Learn user experience design and user interface design concept with this article. I’m sure everyone has visited a grocery store at least once.
These stores are filled with shelves of products of all kinds manufactured by different companies. What is the purpose of all the products we see in the market? They may serve different functions but every commercial product that exists in this world has two main purposes –
- To fulfill some sort of consumer’s demand or requirement, and
- To generate revenue or income for the companies making the products.
For a product to successfully achieve these two goals, it has to be liked by consumers. A good or excellent product will be loved by its customers, and its sales will hit the roof. Bad products, on the other hand, will be rejected by consumers.
Confuse? Don’t Be it’s not that hard
Okay, I might have confused some of you readers here. Going by the title of the article that mentions UX and UI design, most of you might be expecting the article to be full of technical stuff and computer-related terminologies.
The ultimate guide to learning UX and UI design concepts will help readers to avoid common misconceptions – people often think that the terms UX and UI are all about computers, IT sectors or digital mediums. But just bear with me for a few minutes, because by the time you reach the end of the article, the intro will make perfect sense without me having to explain.

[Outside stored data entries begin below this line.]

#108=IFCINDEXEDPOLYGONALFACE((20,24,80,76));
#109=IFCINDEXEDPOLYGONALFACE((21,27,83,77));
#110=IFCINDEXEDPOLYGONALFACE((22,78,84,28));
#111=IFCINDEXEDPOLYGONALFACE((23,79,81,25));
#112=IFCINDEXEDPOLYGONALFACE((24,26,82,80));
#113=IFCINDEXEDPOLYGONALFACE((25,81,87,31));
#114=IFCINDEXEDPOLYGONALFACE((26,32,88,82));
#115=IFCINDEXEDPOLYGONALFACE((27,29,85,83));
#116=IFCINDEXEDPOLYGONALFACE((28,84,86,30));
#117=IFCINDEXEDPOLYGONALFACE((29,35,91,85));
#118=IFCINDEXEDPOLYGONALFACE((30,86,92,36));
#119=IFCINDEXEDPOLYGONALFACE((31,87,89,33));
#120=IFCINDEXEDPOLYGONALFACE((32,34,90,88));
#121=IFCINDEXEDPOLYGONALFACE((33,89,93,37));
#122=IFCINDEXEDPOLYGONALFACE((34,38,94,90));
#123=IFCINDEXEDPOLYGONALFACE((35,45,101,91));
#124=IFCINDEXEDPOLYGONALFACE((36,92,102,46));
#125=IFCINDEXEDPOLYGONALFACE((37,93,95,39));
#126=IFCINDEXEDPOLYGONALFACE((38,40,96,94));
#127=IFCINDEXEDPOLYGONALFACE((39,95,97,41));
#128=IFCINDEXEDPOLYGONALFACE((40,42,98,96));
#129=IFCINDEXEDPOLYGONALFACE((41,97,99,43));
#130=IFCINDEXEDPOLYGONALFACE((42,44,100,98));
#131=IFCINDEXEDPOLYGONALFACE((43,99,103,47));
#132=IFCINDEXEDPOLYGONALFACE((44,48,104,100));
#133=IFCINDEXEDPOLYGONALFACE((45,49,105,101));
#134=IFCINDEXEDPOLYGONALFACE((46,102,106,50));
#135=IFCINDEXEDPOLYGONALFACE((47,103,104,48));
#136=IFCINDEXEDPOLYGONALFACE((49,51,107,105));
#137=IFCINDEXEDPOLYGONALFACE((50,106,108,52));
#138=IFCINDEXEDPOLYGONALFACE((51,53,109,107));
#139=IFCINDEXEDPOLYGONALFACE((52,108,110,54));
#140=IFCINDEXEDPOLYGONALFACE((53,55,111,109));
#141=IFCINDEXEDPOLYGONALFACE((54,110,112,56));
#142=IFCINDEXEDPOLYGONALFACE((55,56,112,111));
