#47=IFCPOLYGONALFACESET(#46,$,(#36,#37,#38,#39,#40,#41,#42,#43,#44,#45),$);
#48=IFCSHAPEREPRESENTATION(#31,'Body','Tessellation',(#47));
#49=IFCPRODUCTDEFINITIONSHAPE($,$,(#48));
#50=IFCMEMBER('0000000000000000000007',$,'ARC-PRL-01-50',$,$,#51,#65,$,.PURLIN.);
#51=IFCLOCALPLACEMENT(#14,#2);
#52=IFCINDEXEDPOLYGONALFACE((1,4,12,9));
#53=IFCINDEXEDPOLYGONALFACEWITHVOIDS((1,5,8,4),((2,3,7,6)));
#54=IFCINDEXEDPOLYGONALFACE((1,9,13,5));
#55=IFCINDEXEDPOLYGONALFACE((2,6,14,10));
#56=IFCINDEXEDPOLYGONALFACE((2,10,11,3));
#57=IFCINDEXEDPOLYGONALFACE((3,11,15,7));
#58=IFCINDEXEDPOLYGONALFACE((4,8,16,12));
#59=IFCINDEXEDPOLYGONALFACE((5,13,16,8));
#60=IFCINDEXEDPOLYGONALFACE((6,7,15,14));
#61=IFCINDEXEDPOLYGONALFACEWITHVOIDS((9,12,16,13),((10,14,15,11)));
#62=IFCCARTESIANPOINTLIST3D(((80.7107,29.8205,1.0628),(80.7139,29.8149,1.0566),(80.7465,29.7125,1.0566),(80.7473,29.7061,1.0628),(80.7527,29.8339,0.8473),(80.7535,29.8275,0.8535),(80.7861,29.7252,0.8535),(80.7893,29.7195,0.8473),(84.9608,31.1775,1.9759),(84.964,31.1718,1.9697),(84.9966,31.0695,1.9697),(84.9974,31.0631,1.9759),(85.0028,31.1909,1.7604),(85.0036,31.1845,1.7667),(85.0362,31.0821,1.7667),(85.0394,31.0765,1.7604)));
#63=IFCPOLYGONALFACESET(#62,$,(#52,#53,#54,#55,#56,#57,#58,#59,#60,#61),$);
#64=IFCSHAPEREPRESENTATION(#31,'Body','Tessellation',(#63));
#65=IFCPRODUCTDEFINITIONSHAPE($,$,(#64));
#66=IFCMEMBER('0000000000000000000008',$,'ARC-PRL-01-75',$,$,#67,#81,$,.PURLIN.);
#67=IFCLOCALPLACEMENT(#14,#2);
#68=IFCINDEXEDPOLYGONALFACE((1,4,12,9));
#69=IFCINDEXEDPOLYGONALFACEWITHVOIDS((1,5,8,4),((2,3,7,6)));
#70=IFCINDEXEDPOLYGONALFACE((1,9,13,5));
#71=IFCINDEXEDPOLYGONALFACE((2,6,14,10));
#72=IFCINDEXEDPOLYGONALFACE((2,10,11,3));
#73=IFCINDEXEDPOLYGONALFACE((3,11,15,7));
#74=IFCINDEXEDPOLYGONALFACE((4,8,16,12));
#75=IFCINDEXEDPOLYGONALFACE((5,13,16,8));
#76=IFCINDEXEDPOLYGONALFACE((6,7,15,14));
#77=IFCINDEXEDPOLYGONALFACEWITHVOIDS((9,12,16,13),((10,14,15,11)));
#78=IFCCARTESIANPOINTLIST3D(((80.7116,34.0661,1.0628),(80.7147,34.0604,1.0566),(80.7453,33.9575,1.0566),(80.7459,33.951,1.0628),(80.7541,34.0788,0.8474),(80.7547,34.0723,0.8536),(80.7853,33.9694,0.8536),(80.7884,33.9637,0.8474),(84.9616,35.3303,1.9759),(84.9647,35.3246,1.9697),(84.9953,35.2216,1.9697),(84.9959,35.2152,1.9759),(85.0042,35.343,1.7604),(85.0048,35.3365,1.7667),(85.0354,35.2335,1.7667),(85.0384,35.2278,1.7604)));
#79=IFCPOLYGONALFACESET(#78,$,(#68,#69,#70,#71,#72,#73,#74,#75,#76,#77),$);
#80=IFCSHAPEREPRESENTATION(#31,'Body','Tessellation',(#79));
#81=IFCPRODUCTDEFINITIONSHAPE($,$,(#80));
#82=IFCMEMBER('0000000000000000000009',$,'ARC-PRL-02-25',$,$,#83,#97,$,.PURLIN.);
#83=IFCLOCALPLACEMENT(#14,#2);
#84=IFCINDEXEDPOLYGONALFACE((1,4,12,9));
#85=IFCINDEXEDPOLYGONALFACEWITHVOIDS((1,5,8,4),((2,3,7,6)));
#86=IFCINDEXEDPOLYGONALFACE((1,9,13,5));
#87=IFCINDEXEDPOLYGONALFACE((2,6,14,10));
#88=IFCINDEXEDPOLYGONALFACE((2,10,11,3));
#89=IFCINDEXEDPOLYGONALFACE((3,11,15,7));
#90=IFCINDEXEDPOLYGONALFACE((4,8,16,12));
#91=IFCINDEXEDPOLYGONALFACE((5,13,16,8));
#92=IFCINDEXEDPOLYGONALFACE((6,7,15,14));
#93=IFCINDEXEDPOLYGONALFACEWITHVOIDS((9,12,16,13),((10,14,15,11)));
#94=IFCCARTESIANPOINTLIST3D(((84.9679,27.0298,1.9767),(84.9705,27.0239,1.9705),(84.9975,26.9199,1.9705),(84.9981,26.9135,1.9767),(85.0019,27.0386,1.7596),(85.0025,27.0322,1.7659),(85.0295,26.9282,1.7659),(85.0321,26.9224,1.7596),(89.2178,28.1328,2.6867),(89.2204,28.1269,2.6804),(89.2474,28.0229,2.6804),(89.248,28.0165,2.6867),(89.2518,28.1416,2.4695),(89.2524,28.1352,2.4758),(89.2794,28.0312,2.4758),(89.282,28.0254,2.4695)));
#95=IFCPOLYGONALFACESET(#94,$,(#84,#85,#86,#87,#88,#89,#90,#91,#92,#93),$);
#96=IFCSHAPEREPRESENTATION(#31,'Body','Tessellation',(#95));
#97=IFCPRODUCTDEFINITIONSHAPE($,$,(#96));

The reason why people think UX and UI are all about computers, apps, and websites. That is what most articles, guides, and videos will tell you. There are many resources that explain these topics in a technical language, using terms that people from the non-technical background may not understand.
Now I’m the kind of person who likes to keep things simple for myself and everyone else. And so I’ll try my best to explain to you in simplest terms, what UX and UI design is all about, what are the processes involved and how these two are similar, yet different in some aspects.
Let’s dive straight into the important questions.
What Is UX Design? What Is A Job Of UX Designer?
UX stands for user experience. The term ‘User Experience design’ in itself can provide a proper meaning. It’s a process of designing something, keeping in mind the user’s experience. Let’s go through a more formal and clear definition.
UX design is a process of developing a product in such a way that its users will have a positive and satisfactory experience when interacting with the product.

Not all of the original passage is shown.